Blue.—Indigo dissolved in sulphuric acid, to which is added alum, forms a basis of most blues and was used long before the Christian era. It is obtained from the leaves of various specimens of Indigofera which are cultivated largely in India. The deep Persian blue is obtained by applying indigo over madder. It can be compounded with almost any other dyeing material known and it is by this mixing process that beautiful violets, porcelain blues and pinks are obtained. A superb dark blue found in some of the antique Persian rugs has been in disuse for nearly a half century. The secret of making it seems to have been lost and no one has been able to reproduce it.

Green.—Indigo in combination with one of the yellows furnishes most of the greens. With buckthorn it produces Chinese greens, both bright and dull.

Brown.—Browns are most frequently obtained by mixing madder with yellow or by dyeing with madder over yellow. Valonia, catechu, gall-nuts, and the green husks of walnuts also enter largely into the making of browns.

Yellow.—The principal yellows are obtained from the Persian berries, from turmeric, from saffron and sumac roots. Persian berries give a fast dull yellow. Turmeric is from the root of a plant growing abundantly in East India and China and it gives a bright orange color. Orange yellow is also obtained from henna and by combining madder and turmeric. A light yellow is obtained from larkspur; a greenish yellow from a fungus of the mulberry, and, of late years, a buff colored yellow has been obtained from quercitron bark.

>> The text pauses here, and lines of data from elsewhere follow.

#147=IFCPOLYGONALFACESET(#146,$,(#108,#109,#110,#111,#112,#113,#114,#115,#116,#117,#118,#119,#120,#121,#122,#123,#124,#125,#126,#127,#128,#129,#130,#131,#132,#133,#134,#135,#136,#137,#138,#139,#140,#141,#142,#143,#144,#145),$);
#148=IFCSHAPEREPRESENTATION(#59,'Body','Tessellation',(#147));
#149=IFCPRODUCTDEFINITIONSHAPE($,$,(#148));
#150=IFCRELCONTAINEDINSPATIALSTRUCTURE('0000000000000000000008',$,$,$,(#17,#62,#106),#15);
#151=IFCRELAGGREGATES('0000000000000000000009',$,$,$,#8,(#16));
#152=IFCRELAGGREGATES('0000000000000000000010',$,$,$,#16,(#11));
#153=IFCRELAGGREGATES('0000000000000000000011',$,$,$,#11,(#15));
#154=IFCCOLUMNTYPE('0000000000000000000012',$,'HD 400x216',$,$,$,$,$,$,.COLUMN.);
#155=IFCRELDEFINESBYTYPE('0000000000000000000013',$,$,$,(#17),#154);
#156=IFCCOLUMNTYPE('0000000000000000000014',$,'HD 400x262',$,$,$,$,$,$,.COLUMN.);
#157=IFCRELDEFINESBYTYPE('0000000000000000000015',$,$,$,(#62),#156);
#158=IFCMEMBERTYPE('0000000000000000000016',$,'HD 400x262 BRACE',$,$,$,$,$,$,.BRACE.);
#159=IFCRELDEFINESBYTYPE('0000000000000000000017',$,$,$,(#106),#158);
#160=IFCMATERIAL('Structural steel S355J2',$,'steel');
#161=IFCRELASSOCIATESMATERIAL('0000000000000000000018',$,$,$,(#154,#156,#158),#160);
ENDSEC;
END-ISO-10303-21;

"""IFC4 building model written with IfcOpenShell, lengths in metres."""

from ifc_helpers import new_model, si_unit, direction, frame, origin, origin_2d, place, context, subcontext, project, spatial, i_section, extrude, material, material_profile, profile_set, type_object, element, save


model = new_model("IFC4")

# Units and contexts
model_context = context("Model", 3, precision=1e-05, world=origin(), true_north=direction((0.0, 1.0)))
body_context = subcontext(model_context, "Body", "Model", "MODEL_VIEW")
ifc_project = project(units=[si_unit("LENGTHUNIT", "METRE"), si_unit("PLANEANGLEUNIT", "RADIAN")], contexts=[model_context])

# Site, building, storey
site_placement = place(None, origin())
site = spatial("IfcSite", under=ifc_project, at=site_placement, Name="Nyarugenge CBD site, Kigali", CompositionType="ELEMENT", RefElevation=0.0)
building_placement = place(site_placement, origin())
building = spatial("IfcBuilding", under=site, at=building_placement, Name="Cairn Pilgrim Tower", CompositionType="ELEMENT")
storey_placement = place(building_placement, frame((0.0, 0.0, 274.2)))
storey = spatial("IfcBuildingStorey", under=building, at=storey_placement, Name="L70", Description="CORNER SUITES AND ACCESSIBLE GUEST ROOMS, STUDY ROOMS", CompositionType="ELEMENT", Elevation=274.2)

Black.—Black seems to be the only color which the rug makers of older days were unable to produce from vegetable or animal sources. The principal black used was that made from iron filings with vinegar and pomegranate rind, but it destroyed the fibres of the wool. For this reason very little black was used in the antique pieces excepting where the fleece of black sheep could be obtained. Nowadays logwood, which grows in Central America, is the essential basis of all blacks in wool, although other colors are frequently used with it to modify or intensify the shade.

Purple.—From very early times the Phoenicians were renowned for a purple which they obtained from a shellfish found in the Ægean Sea, but the secret of making it has long since become a lost art. A great many shades of purple, heliotrope and lavender are obtained from the different red dyes in combination with indigo and the dye woods as well as from the bodies of marine insects and mollusks.

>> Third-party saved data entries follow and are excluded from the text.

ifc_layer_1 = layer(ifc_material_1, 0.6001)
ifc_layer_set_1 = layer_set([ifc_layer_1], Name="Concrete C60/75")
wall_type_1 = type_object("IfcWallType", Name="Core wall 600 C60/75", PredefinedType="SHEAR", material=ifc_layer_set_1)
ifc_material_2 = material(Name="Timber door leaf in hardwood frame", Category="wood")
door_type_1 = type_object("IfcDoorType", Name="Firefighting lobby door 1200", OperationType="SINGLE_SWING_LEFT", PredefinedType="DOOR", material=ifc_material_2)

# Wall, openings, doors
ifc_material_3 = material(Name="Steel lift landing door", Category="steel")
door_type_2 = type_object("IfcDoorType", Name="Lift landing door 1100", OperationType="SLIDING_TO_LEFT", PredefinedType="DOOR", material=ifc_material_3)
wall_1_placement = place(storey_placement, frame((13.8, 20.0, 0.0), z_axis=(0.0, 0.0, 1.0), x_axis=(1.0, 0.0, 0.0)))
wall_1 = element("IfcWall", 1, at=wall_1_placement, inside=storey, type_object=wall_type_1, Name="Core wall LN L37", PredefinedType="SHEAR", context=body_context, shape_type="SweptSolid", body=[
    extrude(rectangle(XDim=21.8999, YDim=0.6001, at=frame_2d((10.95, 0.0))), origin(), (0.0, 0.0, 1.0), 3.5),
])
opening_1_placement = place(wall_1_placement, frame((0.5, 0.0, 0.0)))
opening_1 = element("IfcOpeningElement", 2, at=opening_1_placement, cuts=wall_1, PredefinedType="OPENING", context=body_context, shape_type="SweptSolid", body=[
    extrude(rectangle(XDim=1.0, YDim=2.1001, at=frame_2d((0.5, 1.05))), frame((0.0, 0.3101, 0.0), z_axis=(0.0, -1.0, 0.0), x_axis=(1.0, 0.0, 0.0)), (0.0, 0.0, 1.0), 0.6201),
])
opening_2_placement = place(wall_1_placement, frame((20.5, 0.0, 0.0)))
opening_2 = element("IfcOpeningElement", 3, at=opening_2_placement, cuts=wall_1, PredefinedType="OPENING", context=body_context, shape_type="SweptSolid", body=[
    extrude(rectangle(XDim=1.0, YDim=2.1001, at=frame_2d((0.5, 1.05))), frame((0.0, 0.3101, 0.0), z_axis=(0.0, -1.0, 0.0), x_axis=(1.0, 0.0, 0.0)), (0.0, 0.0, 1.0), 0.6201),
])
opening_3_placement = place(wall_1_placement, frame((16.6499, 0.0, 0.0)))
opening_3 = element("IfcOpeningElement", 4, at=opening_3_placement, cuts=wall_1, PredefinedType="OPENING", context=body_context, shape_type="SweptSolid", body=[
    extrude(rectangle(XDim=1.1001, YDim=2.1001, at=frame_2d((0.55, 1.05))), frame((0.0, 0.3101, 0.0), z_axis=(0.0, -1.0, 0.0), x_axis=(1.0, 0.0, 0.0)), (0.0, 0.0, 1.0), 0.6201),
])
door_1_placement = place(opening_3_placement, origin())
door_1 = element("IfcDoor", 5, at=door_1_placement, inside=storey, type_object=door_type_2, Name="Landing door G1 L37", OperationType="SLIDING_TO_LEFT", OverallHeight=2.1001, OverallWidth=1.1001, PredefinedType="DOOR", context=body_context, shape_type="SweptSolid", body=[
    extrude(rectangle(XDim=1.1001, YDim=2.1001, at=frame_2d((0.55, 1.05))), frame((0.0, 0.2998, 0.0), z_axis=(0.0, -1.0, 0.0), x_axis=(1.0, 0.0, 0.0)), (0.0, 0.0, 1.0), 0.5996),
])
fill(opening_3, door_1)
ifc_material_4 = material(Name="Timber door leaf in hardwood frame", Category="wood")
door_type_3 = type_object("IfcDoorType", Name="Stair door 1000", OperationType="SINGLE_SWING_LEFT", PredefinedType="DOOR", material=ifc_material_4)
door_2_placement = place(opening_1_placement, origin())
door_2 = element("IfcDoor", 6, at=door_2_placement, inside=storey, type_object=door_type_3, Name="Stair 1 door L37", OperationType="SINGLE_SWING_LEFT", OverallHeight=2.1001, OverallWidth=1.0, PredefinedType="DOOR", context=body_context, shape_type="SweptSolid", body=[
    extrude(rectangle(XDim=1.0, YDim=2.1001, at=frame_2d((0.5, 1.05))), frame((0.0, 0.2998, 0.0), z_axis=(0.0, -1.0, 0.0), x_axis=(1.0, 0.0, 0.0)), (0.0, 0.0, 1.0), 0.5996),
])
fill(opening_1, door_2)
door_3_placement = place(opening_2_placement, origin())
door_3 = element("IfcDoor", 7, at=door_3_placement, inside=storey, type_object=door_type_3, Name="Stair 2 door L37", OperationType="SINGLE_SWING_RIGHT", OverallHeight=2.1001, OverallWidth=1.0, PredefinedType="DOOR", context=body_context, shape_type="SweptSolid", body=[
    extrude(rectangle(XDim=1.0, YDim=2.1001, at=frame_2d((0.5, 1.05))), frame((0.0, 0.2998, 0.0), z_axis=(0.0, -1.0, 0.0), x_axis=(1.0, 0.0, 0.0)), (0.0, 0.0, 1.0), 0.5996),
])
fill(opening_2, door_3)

Gray.—Gray is secured from Smyrna gall-nuts with copperas.

Salmon.—Salmon is obtained by mixing madder with valonia.

Violet.—Violet is frequently made from milk, sour grape juice, madder and water.

DAGHESTAN RUG.
DAGHESTAN RUG
Size 8' × 3'6"
FROM THE COLLECTION OF THE AUTHOR

Knot: Ghiordes. Seven to the inch horizontally and eight vertically, making fifty-six to the square inch.

This rug illustrates the best Caucasian spirit in design and workmanship. It is glorious in color and its combination of blues, reds, yellows and greens belong to an age which is bygone in the textile art of Caucasia.

The Georgian design in the outer border is a Caucasian characteristic and especially of the Daghestans.